這個人是白癡嗎?竟然生怕別人不知道他被我回絕了。
“兄台卻是來晚了,沒座兒了,我們願與兄台搭個座。”
搭訕的?好,我就搭個座,我兩世為人竟還鬥不過古人?
(也許還真就鬥不過,隻不過夜夜沒想過這種可能性而已。)
早在她走過來的瞬間,剛才想不擇手段得到她的那兩人,就聞到了濃烈的叫花雞的香味。由此肯定她就是那位大廚無疑。
“嗬嗬,兄台二人就點了一隻叫花雞?夠嗎?”
“沒辦法,今天的叫花雞就剩一隻了,而其他菜,今天的份額卻是已經沒了。難道兄台有辦法再給我們弄到些菜?”
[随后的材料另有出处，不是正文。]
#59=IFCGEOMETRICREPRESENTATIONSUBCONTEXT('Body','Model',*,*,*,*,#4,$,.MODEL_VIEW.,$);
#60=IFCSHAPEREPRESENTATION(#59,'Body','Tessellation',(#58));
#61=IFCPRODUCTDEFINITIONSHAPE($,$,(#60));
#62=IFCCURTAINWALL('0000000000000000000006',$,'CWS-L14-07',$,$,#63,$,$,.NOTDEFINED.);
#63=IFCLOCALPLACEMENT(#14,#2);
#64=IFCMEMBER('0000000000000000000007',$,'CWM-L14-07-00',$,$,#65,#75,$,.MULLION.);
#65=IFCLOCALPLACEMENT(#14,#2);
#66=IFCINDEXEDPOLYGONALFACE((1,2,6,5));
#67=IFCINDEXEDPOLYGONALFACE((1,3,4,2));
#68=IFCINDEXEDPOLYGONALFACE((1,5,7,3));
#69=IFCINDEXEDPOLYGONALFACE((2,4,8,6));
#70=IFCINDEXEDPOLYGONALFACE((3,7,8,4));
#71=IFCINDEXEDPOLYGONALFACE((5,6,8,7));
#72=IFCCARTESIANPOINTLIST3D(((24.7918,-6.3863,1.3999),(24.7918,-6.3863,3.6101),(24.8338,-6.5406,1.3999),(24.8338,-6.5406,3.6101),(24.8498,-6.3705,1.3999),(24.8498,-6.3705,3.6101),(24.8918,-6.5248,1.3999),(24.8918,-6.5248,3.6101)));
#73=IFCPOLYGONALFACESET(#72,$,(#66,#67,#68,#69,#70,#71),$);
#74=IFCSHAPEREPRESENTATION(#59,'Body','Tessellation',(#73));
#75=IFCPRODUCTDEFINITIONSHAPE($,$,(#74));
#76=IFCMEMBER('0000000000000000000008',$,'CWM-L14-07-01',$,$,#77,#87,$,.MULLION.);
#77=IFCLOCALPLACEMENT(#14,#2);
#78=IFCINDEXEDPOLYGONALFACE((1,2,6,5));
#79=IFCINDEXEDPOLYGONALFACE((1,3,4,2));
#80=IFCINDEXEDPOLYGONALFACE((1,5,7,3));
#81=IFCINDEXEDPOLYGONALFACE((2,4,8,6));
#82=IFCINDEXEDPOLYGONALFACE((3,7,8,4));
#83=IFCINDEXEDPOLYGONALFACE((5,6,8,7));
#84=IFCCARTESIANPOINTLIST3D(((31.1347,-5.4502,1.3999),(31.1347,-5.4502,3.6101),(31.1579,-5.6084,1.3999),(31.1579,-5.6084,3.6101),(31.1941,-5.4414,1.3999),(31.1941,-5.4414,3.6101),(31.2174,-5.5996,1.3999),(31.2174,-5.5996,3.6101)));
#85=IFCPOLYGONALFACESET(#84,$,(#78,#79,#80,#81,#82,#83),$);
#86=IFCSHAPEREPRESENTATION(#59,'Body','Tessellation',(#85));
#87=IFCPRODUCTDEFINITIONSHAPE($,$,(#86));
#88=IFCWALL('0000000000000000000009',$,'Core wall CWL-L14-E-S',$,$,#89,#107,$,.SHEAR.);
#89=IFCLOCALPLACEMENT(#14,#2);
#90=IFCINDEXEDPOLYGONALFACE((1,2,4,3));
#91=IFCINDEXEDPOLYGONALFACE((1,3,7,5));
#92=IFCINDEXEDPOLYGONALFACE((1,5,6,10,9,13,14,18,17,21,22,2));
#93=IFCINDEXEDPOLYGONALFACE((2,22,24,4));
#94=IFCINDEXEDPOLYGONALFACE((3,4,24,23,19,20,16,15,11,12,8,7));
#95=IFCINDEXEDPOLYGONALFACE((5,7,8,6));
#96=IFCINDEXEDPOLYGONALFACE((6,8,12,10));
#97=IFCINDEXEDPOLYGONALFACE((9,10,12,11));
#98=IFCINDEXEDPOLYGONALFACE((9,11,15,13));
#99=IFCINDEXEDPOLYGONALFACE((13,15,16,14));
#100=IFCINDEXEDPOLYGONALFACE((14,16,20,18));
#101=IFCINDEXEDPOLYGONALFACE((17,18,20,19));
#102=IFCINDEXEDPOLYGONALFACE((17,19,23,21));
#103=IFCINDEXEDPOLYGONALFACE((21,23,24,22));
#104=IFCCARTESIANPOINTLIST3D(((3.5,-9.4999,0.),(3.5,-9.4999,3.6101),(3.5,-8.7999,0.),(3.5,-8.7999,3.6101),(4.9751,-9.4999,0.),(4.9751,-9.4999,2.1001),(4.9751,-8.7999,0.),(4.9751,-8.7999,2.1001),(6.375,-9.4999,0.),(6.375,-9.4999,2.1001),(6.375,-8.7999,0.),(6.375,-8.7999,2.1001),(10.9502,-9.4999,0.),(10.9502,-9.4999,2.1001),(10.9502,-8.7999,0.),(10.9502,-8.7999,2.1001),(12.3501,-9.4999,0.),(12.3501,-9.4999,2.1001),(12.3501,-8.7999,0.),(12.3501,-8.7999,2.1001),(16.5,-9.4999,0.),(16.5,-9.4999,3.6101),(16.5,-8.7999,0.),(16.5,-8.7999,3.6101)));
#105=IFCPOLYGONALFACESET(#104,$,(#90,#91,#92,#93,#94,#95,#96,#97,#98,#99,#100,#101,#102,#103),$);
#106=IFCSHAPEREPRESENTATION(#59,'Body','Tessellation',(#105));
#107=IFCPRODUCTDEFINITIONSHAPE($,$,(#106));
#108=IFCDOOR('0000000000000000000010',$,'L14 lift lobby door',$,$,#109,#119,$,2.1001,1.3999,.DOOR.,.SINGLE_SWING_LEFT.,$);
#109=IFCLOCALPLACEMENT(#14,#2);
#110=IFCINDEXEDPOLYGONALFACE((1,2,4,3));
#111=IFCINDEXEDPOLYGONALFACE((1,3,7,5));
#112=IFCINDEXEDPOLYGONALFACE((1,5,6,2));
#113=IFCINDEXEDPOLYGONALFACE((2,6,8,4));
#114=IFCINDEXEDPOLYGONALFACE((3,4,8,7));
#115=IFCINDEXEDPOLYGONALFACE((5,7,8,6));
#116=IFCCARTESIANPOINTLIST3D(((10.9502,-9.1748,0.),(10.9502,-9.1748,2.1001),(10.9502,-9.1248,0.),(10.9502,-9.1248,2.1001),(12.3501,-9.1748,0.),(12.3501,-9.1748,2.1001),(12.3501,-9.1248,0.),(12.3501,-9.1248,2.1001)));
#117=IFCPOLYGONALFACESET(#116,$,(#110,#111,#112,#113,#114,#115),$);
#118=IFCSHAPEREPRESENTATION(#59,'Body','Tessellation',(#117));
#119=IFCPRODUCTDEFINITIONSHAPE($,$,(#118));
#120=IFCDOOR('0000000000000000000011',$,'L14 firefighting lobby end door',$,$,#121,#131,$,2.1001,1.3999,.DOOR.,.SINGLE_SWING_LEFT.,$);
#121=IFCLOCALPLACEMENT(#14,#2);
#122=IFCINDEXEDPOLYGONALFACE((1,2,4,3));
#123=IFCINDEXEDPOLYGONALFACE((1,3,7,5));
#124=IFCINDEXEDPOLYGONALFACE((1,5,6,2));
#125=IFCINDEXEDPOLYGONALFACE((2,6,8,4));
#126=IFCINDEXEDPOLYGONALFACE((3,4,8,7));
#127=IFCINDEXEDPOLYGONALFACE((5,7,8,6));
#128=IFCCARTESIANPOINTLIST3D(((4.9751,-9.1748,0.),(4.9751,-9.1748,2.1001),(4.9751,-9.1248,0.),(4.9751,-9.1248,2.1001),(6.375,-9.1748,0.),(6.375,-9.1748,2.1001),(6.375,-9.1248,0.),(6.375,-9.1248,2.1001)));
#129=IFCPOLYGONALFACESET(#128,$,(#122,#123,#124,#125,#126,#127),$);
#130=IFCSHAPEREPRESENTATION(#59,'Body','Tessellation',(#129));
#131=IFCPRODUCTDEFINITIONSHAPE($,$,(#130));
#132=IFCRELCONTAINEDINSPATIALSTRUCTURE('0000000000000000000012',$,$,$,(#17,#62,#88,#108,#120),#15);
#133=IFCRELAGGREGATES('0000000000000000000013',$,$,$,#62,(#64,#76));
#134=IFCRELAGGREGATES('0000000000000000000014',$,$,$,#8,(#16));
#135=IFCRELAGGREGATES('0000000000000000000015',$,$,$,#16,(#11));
“咳咳,那就沒辦法了,這間酒樓就是這規矩,大家都沒辦法。”
“若兄台不嫌棄,可願與我們小酌?”
“求之不得!”
“爽快!請!”說著給我倒了一杯酒,那神情,無比真摯;那動作,無比嫻熟。
但我卻沒有忽視他指尖的那閃閃熒光。既然你想我跟你走,那便跟你走一遭又如何?